And the thing is, today, guess what I'm about to do? A serious mother-lode of yardwork. And, no matter how much I get done today....I will still have more to do. That's the thing with the yardwork: It never seems to end! Summertime, the nice weather, everybody's having parties. To each invite I find myself, kind of, wondering: If it ends up being nice-out...that will mean I'll be setting myself back a serious day of yard-work. And, of course, I can't exactly tell people "Oh, well I have a lot of yard-work... Because, honestly, no one is going to accept that.

I mean, it's almost as if you're talking about..an imaginary friend. Or a Canadian girlfriend (or a just girl who goes to another school). People just don't understand.

But I do. I totally know where you're coming-from.


----------



## loopytheone (May 20, 2013)

I have a fair few friends who have had long distance relationships and honestly, they seem to have the same sort of success rates as normal relationships. If you are compatible people you are compatible people, it doesn't matter how far apart you are. A friend of mine dated a guy over the internet for a year, lived with him in a different country for a year or so and then when they broke up she ended up dating a different guy across the internet. They have been together three years now and it was only this winter that they met in the flesh for the first time.

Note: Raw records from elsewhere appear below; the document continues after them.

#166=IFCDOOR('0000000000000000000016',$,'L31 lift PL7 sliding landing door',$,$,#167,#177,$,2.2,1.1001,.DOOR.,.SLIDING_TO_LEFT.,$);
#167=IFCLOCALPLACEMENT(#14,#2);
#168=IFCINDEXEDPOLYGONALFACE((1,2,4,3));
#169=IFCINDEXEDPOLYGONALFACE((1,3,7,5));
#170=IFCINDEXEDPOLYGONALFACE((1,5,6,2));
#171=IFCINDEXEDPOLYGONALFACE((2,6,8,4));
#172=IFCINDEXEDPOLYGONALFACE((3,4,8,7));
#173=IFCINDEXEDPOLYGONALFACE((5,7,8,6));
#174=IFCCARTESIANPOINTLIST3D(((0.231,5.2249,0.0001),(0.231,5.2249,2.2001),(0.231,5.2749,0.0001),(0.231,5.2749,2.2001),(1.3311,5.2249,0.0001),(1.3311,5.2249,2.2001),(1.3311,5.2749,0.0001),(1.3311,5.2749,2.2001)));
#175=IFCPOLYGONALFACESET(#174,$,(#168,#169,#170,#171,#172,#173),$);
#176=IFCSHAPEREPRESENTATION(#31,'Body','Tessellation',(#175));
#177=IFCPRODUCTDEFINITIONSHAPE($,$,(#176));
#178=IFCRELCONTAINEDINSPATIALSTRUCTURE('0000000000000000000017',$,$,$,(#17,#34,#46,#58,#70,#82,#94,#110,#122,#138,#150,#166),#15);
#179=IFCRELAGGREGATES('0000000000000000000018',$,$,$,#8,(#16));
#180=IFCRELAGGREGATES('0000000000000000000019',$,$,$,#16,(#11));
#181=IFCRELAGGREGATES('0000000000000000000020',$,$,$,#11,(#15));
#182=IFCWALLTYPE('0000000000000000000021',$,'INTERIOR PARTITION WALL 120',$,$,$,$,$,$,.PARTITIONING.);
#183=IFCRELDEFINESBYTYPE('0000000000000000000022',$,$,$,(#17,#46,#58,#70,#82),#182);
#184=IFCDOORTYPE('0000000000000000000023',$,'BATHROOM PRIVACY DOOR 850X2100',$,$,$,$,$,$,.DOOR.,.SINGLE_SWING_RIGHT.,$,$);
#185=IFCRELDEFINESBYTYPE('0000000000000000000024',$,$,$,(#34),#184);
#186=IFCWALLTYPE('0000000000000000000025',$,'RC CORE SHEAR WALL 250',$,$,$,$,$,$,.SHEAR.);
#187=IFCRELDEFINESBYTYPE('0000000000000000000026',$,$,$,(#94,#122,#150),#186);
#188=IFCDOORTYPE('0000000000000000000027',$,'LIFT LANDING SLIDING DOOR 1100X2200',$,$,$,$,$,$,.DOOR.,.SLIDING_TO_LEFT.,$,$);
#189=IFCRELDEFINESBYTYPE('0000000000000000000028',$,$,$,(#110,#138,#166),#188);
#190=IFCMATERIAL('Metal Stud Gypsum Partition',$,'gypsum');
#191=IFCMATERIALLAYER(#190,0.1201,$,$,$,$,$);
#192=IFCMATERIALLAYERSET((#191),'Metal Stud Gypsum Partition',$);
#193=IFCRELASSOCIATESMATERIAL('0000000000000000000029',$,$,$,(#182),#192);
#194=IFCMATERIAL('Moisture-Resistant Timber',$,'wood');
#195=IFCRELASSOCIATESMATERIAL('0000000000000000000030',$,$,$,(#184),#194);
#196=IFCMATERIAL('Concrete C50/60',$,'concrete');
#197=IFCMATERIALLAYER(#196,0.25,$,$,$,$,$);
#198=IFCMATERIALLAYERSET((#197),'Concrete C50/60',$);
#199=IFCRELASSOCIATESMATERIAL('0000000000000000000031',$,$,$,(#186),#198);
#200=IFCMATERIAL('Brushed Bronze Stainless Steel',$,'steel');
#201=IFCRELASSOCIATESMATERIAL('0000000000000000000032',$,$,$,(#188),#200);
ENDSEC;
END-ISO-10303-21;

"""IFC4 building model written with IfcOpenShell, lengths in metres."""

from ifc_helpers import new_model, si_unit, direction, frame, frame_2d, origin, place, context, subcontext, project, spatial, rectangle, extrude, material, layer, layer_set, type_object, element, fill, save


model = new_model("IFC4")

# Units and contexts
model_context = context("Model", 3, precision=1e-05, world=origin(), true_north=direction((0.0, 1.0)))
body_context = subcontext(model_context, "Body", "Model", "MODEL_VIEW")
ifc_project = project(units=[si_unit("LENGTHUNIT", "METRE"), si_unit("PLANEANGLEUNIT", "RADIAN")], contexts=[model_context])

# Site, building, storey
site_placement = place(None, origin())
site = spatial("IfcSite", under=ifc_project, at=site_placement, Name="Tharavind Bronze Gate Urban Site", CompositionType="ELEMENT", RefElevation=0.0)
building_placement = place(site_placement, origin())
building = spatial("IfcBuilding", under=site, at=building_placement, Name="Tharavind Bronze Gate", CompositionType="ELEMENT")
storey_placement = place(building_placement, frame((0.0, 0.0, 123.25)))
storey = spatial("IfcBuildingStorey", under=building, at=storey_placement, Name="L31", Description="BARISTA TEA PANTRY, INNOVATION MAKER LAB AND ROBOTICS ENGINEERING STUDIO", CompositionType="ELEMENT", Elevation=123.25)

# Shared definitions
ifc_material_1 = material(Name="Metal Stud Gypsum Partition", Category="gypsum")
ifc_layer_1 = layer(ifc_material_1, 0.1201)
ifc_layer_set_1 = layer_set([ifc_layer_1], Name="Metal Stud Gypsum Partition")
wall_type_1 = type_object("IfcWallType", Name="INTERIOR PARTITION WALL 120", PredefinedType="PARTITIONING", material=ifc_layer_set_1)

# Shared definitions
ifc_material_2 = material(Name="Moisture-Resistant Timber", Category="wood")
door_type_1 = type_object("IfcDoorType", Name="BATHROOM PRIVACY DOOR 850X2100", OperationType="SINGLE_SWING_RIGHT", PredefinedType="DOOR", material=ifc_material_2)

He went over to China to see her and this summer she is going to be living at his house. So it definitely can work! Also, I'm british and my bf is canadian and despite the distance this is undoubtedly my best relationship ever! :blush:

Can I ask how long you knew this woman for before meeting up? I've met up with tons of people off the internet and not a single one of them has behaved any differently from the way they do online.


----------



## BearHug2013 (May 20, 2013)

loopytheone said:


> I have a fair few friends who have had long distance relationships and honestly, they seem to have the same sort of success rates as normal relationships. If you are compatible people you are compatible people, it doesn't matter how far apart you are. A friend of mine dated a guy over the internet for a year, lived with him in a different country for a year or so and then when they broke up she ended up dating a different guy across the internet. They have been together three years now and it was only this winter that they met in the flesh for the first time. He went over to China to see her and this summer she is going to be living at his house. So it definitely can work! Also, I'm british and my bf is canadian and despite the distance this is undoubtedly my best relationship ever! :blush:
> 
> Can I ask how long you knew this woman for before meeting up? I've met up with tons of people off the internet and not a single one of them has behaved any differently from the way they do online.



We never did. We chatted for two months before she went loopy...err,no pun intended
The thing is she gave me like a day notice that she was coming TWO WEEKS EARLY. Of course I've talked to plenty of crazy local women too, so I guess crazy can be everywhere:doh:


----------



## Cobra Verde (May 20, 2013)

Yakatori said:


> ^You know what's funny? Not haha-funny, but maybe funny-strange...Yard- work... Something about that particular word, turn of phrase. It just sounds like a bunch of bs. I mean, not to insult you, but I can, sort of, see why she didn't believe you. You tell someone you're coming to see them from hours away...and they bring-up "yard-work?!" It's like...huh?! It just, naturally, makes one skeptical. I dunno why.
> 
> And the thing is, today, guess what I'm about to do? A serious mother-lode of yardwork. And, no matter how much I get done today....I will still have more to do. That's the thing with the yardwork: It never seems to end! Summertime, the nice weather, everybody's having parties. To each invite I find myself, kind of, wondering: If it ends up being nice-out...that will mean I'll be setting myself back a serious day of yard-work. And, of course, I can't exactly tell people "Oh, well I have a lot of yard-work... Because, honestly, no one is going to accept that.
> 
> ...


I want to have a long-distance relationship with this post. :wubu:


This seems more like a "bitches be crazy!" thread than a serious long-distance relationships thread but I'll indulge the ostensible topic: yes, they work provided there's a definite point when the distance ends permanently. The longer you're apart the less likely it'll work out.

Notes:
-The chance of success decreases by at least 25% for every hour difference there is in time zone. 
-If you're on separate continents fucking forget it - think of how hard it is following the Olympics when it's another continent and multiply that frustration times a thousand.


----------



## loopytheone (May 20, 2013)

Cobra Verde said:


> Notes:
> -The chance of success decreases by at least 25% for every hour difference there is in time zone.
> -If you're on separate continents fucking forget it - think of how hard it is following the Olympics when it's another continent and multiply that frustration times a thousand.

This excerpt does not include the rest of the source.